Low melting point MCP-69, MCP-96, MCP-137, and MCP-200 alloys for radiation protection in radiological and therapeutic processes

Abstract

ObjectiveTo evaluate the low melting-point MCP-69, MCP-96, MCP-137, and MCP-200 alloys, and characterize them for their potential to protect from the harms associated with radiation and eliminate radiation hazards during radiological procedures and treatment of cancer. MethodsThe Klein-Nishina formula was used to calculate the electronic and atomic cross-sections of these alloys using photon beams with energies 4, 6, 9, 12, and 18 ​MeV. Energy transfer coefficients, Compton mass attenuation coefficient, mass-energy transfer coefficient, and recoil energy of electrons in the specific photon energies of 4–18 ​MeV were calculated.
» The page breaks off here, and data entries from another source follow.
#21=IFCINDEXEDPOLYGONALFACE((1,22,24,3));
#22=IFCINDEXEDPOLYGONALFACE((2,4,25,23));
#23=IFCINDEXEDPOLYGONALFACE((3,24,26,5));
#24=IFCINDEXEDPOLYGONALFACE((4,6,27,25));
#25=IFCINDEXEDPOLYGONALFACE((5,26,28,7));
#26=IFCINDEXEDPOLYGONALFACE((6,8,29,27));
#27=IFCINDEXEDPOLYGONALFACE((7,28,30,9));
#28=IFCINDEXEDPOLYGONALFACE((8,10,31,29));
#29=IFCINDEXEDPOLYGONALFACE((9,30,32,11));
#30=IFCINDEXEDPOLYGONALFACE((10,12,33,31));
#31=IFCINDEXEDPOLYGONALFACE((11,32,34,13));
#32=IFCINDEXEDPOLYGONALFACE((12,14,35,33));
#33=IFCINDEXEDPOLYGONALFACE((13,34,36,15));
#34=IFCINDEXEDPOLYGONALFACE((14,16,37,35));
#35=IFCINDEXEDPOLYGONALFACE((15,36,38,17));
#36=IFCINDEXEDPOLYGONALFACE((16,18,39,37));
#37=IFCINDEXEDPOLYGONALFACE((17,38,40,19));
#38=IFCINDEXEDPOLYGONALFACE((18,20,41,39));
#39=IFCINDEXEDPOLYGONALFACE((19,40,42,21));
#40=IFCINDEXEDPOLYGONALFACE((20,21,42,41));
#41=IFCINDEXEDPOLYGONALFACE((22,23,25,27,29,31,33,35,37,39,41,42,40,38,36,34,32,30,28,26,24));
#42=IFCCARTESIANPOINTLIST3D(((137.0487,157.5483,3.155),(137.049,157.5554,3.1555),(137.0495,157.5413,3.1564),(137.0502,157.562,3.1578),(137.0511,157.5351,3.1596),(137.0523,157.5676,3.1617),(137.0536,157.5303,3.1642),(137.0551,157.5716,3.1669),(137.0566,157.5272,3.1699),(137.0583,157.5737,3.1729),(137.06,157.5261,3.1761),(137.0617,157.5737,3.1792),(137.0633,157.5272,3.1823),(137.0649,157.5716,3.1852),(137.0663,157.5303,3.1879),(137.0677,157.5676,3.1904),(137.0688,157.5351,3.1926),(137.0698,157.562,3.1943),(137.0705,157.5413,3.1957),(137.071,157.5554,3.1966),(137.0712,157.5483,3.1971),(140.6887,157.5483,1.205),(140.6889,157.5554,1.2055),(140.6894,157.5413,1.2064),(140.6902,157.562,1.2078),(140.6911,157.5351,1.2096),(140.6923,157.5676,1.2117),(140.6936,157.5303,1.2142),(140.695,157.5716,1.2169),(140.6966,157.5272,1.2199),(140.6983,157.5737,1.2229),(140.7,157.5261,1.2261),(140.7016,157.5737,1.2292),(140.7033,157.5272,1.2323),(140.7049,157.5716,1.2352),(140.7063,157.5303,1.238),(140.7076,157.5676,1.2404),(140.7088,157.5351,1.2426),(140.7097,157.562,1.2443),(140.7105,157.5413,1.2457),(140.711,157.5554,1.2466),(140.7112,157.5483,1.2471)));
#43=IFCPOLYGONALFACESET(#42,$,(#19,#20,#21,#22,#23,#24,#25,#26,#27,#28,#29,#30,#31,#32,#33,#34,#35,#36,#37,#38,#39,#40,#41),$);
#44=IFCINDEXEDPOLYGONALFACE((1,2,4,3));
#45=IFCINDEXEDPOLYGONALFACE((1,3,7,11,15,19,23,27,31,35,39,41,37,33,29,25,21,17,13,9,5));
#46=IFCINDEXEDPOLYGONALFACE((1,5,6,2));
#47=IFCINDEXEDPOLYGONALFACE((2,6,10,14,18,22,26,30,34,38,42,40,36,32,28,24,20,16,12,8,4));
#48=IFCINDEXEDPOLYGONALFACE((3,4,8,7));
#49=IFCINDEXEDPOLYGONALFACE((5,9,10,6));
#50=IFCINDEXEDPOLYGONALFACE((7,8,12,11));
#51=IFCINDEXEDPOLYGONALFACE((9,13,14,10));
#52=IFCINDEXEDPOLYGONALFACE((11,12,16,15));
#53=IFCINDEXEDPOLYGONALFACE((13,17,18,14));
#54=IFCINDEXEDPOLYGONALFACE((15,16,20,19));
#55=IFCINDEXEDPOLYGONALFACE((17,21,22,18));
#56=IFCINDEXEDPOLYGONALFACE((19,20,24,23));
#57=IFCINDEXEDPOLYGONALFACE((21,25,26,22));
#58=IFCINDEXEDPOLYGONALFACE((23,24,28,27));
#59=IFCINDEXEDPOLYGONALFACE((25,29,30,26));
The alloys' effective charge number and the photon energy were key factors in determining the properties found by utilizing the Klein-Nishina formula and Compton effects. ResultsThe cross sections and energy transfer coefficients increased with the increasing effective charge number Z of the alloys and decreased as the photon energy increased. The Compton recoil of the ejected electrons was observed to have a direct relationship with photon energy, but mass-energy transfer decreased with increasing photon energy. These alloys can replace the toxic lead for environmentally cleaned radiation applications. ConclusionsThese calculations and characteristics of the MCP alloys can help further determine their viability as materials for radiation shielding, their use in safe cancer diagnosis, treatment, and environmental hazards protection.